Designing a REST api by URI vs query string

  • Let's say I have three resources that are related like so:

    Grandparent (collection) -> Parent (collection) -> and Child (collection)
    

    The above depicts the relationship among these resources like so: Each grandparent can map to one or several parents. Each parent can map to one or several children. I want the ability to support searching against the child resource but with the filter criteria:

    If my clients pass me an id reference to a grandparent, I want to only search against children who are direct descendants of that grandparent.

    If my clients pass me an id reference to a parent, I want to only search against children who are direct descendants of my parent.

    I have thought of something like so:

    GET /myservice/api/v1/grandparents/{grandparentID}/parents/children?search={text}
    

    and

    GET /myservice/api/v1/parents/{parentID}/children?search={text}
    

    for the above requirements, respectively.

    But I could also do something like this:

    GET /myservice/api/v1/children?search={text}&grandparentID={id}&parentID=${id}
    

    In this design, I could allow my client to pass me one or the other in the query string: either grandparentID or parentID, but not both.

    My questions are:

    1) Which API design is more RESTful, and why? Semantically, they mean and behave the same way. The last resource in the URI is "children", effectively implying that the client is operating on the children resource.

    2) What are the pros and cons to each in terms of understandability from a client's perspective, and maintainability from the designer's perspective.

    3) What are query strings really used for, besides "filtering" on your resource? If you go with the first approach, the filter parameter is embedded in the URI itself as a path parameter instead of a query string parameter.

    Thanks!

    The title of your question should be extremely confusing to anyone viewing this. The valid segments of a URI are defined as ://:@:/;?/# (although is deprecated) A "query string" is a valid component of a URI so your "vs" in the title is crazy talk.

    Do you mean `I want to only search against children who are INdirect descendants of that grandparent.` ? According to your structure, Grandparent has no direct children.

    What is the diference between a child and a parent? Is a parent a parent if he doesnt have children? Smells of a design fault

    re: `potential design flaw` and if you have information about a person but no information on their parents, do they qualify as a `child`? (e.g., Adam and Eve ) :)

  • First

    As Per RFC 3986 §3.4 (Uniform Resource Identifiers § (Syntax Components)|Query

    3.4 Query

    The query component contains non-hierarchical data that, along with data in the path component (Section 3.3), serves to identify a resource within the scope of the URI's scheme and naming authority (if any).
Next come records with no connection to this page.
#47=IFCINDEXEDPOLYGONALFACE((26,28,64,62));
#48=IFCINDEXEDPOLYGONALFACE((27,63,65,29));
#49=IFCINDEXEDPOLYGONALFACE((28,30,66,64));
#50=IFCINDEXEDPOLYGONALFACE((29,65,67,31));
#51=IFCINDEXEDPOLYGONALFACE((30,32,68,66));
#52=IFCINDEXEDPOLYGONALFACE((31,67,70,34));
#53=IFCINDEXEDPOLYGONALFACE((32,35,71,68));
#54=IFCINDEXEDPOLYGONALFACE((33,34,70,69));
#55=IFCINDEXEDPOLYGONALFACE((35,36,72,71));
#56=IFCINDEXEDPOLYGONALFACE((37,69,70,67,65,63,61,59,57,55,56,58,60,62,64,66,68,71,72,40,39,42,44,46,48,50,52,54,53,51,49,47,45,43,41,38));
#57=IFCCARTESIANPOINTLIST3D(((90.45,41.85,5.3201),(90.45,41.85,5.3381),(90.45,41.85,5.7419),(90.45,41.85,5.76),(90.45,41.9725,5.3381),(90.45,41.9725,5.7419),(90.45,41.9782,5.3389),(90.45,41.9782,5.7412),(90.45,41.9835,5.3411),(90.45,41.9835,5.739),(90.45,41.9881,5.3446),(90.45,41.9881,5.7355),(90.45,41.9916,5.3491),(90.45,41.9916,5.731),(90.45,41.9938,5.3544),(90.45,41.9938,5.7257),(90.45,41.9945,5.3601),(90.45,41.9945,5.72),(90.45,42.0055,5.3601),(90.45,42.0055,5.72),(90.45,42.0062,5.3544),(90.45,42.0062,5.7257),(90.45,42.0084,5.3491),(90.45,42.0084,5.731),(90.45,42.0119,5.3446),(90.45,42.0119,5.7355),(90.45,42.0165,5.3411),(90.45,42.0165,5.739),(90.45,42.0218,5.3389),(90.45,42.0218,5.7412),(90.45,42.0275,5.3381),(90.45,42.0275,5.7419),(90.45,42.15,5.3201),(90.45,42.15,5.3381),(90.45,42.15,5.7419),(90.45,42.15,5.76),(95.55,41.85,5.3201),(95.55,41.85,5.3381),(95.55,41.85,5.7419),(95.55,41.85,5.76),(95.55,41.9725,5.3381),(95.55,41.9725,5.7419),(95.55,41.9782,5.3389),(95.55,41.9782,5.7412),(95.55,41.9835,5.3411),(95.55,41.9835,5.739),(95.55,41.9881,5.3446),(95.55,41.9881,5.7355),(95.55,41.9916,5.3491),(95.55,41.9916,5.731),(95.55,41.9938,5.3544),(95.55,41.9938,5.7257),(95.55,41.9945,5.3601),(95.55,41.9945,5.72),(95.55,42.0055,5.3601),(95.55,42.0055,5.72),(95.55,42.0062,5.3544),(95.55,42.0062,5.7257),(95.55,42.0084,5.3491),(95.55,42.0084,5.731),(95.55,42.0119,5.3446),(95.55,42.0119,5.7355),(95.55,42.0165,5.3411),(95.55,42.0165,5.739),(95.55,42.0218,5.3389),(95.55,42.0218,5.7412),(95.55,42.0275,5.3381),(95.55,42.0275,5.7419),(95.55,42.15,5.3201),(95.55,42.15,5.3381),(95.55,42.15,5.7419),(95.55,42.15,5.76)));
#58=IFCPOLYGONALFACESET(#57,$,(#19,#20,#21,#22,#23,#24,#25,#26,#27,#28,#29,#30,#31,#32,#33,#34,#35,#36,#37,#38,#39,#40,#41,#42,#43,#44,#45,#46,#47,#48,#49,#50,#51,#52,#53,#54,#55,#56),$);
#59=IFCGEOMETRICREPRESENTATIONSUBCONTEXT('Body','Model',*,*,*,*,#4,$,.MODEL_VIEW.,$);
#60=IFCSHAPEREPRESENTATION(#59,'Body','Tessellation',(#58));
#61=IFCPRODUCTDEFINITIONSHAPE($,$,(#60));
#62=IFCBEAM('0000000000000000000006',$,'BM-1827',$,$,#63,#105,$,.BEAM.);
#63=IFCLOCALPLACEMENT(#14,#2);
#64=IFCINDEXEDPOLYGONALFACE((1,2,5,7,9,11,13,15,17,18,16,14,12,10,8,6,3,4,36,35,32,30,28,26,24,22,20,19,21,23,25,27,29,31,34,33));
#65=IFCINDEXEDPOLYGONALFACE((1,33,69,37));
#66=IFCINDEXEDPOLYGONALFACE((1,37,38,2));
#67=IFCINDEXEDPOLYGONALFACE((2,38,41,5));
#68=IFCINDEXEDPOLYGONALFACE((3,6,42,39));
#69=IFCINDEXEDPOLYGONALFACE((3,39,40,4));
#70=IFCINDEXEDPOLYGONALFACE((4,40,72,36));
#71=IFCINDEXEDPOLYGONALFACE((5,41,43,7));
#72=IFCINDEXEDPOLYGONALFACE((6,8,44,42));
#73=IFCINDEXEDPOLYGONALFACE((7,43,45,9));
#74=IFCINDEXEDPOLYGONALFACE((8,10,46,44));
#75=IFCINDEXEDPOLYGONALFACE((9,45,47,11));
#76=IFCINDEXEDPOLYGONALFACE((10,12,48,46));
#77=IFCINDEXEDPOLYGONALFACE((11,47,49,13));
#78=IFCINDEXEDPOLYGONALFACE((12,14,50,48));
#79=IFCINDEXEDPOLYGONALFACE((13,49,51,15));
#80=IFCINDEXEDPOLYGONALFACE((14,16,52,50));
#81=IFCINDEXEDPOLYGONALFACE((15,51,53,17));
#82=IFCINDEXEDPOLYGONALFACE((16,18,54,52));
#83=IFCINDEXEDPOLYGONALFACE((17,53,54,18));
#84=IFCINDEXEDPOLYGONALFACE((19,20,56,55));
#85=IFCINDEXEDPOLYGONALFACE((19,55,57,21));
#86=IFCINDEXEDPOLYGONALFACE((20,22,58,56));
    Query components are for retrieval of non-hierarchical data; there are few things more hierarchical in nature than a family tree! Ergo - regardless of whether you think it is "REST-y" or not- in order to conform to the formats, protocols, and frameworks of and for developing systems on the internet, you must not use the query string to identify this information.

    REST has nothing to do with this definition.
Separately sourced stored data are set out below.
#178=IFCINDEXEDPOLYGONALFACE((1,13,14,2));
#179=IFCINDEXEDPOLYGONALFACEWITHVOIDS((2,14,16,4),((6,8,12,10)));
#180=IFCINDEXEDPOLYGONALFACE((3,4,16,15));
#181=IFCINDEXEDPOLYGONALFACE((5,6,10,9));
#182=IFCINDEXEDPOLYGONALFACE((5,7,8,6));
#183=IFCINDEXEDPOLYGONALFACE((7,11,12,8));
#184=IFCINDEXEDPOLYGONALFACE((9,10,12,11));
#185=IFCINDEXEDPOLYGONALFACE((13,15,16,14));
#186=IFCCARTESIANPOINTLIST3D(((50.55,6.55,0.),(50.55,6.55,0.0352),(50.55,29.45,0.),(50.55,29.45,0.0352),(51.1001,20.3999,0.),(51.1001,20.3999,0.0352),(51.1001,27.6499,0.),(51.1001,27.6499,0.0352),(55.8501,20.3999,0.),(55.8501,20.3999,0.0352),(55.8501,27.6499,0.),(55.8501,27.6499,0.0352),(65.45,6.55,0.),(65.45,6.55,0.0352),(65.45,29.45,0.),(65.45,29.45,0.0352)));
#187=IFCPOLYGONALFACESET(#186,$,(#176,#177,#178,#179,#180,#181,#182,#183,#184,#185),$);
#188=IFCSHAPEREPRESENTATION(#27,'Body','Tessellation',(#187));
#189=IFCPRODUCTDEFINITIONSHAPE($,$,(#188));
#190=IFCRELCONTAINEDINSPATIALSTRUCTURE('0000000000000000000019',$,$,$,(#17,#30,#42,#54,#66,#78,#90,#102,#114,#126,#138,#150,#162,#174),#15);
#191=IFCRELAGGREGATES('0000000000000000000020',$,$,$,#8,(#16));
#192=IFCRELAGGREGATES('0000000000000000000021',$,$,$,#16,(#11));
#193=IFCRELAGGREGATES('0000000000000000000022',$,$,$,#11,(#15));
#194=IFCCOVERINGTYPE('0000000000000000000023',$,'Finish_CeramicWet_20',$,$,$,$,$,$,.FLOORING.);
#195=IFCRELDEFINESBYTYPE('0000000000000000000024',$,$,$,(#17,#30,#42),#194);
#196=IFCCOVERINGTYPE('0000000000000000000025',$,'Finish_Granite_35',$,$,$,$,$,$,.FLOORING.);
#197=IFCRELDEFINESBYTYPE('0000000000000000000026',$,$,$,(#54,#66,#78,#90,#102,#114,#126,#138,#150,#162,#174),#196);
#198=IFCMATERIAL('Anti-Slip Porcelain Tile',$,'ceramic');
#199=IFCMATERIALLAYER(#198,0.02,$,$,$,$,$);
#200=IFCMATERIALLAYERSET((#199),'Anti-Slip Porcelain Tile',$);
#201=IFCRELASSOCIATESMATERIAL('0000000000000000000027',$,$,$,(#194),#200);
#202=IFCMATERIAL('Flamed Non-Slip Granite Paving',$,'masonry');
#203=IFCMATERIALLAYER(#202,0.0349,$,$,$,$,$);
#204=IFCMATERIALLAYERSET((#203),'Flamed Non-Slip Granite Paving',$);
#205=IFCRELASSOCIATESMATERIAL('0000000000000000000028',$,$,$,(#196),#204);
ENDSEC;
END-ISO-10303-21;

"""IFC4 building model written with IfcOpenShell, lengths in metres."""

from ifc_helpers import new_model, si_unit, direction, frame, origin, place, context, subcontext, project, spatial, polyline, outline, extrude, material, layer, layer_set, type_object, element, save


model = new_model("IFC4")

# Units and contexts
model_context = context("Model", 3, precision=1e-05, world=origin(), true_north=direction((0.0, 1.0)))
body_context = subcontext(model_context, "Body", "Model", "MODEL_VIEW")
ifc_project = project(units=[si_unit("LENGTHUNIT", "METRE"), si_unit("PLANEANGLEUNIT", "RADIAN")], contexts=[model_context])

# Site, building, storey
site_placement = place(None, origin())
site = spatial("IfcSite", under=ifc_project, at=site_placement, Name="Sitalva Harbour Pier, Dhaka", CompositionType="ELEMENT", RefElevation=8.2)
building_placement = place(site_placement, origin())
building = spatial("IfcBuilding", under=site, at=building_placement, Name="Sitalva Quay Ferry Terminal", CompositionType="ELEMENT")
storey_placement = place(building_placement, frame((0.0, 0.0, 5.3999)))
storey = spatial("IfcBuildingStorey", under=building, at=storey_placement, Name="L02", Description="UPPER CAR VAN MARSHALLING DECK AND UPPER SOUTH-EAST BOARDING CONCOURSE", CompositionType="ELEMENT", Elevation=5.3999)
    Before addressing your specific questions, your query parameter of "search" is poorly named. Better would be to treat your query segment as a dictionary of key-value pairs.

    Your query string could be more appropriately defined as

    ?first_name={firstName}&last_name={lastName}&birth_date={birthDate} etc.

    To answer your specific questions

    1) Which API design is more RESTful, and why? Semantically, they mean and behave the same way. The last resource in the URI is "children", effectively implying that the client is operating on the children resource.

    I don't think this is as clear cut as you seem to believe.

    None of these resource interfaces are RESTful. The major precondition for the RESTful architectural style is that Application State transitions must be communicated from the server as hypermedia. People have labored over the structure of URIs to make them somehow "RESTful URIs" but the formal literature regarding REST actually has very little to say about this. My personal opinion is that much of the meta-misinformation about REST was published with the intent of breaking old, bad habits. (Building a truly "RESTful" system is actually quite a bit of work. The industry glommed on to "REST" and back-filled some orthogonal concerns with nonsensical qualifications and restrictions. )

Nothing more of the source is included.